I am trying to parse some text files and need to extract blocks of text. Specifically, the lines that start with "1:" and 19 lines after the text. The "1:" does not start on the same row in each file and there is only one instance of "1:". I would prefer to save the block of text and export it to a separate file. In addition, I need to preserve the formatting of the text in the original file.
Needless to say I am new to Python. I generally work with R but these files are not really compatible with R and I have about 100 to process. Any information would be appreciated.
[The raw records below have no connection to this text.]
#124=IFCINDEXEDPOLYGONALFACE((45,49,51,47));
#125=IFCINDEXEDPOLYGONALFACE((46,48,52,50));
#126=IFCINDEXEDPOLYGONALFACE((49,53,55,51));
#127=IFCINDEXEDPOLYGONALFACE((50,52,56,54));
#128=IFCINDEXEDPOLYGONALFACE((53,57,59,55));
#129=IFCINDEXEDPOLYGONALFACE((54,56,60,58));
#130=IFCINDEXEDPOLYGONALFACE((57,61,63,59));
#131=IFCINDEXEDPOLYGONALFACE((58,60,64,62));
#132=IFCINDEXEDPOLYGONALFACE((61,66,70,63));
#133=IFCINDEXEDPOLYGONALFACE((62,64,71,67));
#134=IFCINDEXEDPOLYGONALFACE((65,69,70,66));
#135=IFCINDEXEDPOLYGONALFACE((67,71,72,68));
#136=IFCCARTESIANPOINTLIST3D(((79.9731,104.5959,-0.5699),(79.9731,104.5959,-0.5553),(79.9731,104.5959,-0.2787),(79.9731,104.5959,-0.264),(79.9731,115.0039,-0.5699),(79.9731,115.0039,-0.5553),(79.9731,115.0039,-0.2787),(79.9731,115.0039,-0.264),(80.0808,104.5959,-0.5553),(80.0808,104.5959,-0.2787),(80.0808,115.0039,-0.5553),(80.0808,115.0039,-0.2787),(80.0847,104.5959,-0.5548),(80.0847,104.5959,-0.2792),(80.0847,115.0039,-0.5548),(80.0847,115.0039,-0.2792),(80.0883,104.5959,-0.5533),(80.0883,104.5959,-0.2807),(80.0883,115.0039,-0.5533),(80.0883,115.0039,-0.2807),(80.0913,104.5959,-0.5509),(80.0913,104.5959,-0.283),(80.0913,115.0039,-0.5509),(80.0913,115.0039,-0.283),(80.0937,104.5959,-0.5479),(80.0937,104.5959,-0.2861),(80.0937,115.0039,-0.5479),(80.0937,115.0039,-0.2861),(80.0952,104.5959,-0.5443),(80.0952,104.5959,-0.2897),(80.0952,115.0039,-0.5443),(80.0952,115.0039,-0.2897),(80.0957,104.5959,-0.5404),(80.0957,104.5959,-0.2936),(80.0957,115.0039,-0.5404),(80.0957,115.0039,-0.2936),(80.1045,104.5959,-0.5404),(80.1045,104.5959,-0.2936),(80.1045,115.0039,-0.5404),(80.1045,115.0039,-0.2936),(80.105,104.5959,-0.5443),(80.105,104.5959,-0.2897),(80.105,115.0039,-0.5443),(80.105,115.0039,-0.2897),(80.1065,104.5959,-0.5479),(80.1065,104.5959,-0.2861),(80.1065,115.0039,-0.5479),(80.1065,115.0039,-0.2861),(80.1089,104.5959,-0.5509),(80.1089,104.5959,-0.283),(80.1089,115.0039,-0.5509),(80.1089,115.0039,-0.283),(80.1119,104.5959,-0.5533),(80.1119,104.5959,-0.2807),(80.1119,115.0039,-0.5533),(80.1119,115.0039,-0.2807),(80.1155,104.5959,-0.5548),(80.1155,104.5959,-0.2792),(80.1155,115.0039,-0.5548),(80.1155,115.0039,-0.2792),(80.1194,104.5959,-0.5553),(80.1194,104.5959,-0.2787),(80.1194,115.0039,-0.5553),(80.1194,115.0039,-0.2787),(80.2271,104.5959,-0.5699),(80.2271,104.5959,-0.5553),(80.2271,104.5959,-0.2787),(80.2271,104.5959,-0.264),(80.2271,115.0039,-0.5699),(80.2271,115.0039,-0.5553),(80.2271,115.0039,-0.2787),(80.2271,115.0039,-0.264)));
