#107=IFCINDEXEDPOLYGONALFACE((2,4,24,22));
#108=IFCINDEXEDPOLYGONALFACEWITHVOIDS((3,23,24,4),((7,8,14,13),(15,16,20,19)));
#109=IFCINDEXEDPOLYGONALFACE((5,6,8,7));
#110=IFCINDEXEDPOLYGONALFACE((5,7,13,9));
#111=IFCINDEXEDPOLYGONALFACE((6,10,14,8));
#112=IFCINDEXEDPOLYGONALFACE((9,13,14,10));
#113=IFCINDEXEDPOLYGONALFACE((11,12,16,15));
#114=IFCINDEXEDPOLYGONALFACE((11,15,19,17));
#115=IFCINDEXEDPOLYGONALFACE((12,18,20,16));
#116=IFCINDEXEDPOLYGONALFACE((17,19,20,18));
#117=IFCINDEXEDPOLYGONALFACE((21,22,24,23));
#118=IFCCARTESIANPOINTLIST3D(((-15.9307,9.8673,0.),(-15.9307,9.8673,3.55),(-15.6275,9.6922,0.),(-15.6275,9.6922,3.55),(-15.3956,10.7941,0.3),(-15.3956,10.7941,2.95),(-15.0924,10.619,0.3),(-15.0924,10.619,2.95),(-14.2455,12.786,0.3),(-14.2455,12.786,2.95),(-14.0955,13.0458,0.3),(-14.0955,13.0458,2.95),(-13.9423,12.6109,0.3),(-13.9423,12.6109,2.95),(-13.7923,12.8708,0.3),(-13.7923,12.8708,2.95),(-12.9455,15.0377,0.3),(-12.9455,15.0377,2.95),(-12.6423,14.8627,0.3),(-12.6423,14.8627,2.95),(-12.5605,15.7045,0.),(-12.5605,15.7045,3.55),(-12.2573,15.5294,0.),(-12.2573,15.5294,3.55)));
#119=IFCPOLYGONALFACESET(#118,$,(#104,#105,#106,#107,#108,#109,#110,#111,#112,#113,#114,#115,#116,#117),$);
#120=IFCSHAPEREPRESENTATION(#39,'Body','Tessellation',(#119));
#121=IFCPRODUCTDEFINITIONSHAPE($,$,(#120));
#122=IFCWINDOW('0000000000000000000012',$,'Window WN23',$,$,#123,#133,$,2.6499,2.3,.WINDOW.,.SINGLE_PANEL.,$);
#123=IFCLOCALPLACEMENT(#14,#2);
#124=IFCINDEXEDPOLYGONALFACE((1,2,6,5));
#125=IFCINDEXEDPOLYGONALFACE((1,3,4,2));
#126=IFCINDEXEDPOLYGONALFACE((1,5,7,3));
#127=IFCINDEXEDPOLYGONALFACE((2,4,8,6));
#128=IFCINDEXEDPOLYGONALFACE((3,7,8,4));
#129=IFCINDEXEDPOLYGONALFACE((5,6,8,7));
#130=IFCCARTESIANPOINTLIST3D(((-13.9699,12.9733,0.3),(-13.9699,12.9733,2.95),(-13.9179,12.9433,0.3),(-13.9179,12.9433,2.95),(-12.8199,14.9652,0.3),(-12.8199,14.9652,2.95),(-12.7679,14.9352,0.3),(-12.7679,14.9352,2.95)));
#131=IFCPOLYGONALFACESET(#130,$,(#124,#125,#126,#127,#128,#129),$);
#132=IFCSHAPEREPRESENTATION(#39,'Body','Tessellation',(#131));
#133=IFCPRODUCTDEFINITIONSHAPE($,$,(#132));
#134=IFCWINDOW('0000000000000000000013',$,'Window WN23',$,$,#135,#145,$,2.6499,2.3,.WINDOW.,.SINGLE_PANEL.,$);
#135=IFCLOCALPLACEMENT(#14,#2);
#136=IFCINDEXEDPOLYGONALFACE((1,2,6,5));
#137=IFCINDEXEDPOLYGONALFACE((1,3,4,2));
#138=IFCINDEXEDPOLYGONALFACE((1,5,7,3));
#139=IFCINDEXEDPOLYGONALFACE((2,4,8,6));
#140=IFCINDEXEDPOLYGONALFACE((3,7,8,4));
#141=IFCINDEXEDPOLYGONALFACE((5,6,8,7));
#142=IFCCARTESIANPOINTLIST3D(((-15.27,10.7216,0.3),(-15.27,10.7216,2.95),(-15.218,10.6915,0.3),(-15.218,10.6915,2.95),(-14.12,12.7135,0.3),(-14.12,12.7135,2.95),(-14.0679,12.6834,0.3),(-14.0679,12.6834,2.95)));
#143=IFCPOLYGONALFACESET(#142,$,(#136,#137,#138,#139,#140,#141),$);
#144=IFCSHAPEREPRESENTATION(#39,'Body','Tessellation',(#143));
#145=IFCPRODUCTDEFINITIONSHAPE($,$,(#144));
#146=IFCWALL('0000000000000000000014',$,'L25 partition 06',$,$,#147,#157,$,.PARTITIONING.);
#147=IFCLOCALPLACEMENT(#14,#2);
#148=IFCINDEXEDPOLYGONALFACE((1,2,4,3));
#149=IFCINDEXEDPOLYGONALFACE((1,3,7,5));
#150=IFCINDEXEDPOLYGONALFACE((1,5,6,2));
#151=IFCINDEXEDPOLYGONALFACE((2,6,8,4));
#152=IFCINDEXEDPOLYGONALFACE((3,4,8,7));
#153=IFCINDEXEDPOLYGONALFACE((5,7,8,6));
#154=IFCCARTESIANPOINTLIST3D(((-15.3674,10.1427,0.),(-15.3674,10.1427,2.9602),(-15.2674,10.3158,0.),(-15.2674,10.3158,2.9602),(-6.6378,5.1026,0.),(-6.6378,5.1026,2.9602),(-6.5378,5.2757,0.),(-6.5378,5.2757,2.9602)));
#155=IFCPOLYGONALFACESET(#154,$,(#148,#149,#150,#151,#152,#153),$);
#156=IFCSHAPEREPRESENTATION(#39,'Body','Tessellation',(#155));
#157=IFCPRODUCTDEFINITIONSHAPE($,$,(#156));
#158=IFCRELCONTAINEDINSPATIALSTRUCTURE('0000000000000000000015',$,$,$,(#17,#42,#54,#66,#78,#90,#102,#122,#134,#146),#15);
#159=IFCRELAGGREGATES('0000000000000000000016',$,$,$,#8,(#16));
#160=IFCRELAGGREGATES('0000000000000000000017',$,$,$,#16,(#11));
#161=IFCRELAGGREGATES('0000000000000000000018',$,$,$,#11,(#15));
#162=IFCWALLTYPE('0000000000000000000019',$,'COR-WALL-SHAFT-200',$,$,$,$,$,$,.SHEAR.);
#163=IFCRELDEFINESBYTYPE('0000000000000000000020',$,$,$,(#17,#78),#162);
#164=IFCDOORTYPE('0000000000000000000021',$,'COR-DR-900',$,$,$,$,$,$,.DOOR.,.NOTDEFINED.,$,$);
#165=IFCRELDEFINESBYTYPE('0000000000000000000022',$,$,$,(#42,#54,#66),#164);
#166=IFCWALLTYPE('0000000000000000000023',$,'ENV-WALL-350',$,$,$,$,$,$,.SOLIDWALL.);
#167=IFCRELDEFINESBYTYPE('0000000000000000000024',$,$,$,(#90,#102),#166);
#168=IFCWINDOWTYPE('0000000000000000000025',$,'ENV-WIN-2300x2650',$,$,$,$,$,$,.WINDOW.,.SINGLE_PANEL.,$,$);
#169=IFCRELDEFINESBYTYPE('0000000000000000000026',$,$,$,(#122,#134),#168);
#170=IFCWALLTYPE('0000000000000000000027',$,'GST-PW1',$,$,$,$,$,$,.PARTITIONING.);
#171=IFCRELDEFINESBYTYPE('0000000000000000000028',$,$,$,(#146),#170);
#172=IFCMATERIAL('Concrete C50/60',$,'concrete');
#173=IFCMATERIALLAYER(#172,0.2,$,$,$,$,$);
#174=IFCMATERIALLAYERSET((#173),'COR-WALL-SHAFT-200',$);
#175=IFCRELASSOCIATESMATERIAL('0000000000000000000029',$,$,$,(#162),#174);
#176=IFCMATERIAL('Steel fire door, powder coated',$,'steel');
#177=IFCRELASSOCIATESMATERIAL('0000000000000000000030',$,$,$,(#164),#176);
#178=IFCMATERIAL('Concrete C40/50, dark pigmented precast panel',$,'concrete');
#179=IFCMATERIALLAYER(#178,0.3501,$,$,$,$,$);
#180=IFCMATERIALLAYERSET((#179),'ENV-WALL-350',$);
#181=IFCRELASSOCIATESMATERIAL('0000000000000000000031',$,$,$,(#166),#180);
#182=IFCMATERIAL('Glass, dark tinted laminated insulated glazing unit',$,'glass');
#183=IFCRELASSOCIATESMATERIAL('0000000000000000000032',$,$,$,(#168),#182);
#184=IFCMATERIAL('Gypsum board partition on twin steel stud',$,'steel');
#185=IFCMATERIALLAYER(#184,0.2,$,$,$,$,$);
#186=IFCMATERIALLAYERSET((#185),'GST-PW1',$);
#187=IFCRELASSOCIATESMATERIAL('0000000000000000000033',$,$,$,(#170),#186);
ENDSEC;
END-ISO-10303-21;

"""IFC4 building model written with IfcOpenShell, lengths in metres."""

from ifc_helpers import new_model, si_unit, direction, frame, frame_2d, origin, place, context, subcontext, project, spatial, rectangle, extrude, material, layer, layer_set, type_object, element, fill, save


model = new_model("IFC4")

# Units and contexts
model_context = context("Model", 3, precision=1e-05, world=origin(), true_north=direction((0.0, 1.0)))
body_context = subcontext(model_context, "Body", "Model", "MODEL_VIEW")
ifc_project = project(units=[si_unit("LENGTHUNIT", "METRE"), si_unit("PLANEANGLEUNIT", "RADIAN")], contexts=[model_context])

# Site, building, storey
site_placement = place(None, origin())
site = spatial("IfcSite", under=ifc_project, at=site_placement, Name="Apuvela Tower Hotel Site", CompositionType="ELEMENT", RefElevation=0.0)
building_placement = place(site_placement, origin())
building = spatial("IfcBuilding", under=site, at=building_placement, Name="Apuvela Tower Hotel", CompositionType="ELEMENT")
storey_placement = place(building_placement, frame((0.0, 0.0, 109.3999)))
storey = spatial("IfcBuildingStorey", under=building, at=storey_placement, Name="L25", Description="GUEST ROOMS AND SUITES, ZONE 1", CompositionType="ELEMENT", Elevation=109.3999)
The code that I have so far is:
tmp = open(files[0],"r")
lines = tmp.readlines()
tmp.close()
num = 0
a=0
for line in lines:
num += 1
if "1:" in line:
a = num
break
a = num is the line number for the block of text I want. I then want to save to another file the next 19 lines of code, but can't figure how how to do this. Any help would be appreciated.
Here is one option. Read all lines from your file. Iterate till you find your line and return next 19 lines. You would need to handle situations where your file doesn't contain additional 19 lines.
fh = open('yourfile.txt', 'r')
all_lines = fh.readlines()
fh.close()
for count, line in enumerate(all_lines):
if "1:" in line:
return all_lines[count+1:count+20]
Could be done in a one-liner...
open(files[0]).read().split('1:', 1)[1].split('\n')[:19]
or more readable
txt = open(files[0]).read() # read the file into a big string
before, after = txt.split('1:', 1) # split the file on the first "1:"
after_lines = after.split('\n') # create lines from the after text
lines_to_save = after_lines[:19] # grab the first 19 lines after "1:"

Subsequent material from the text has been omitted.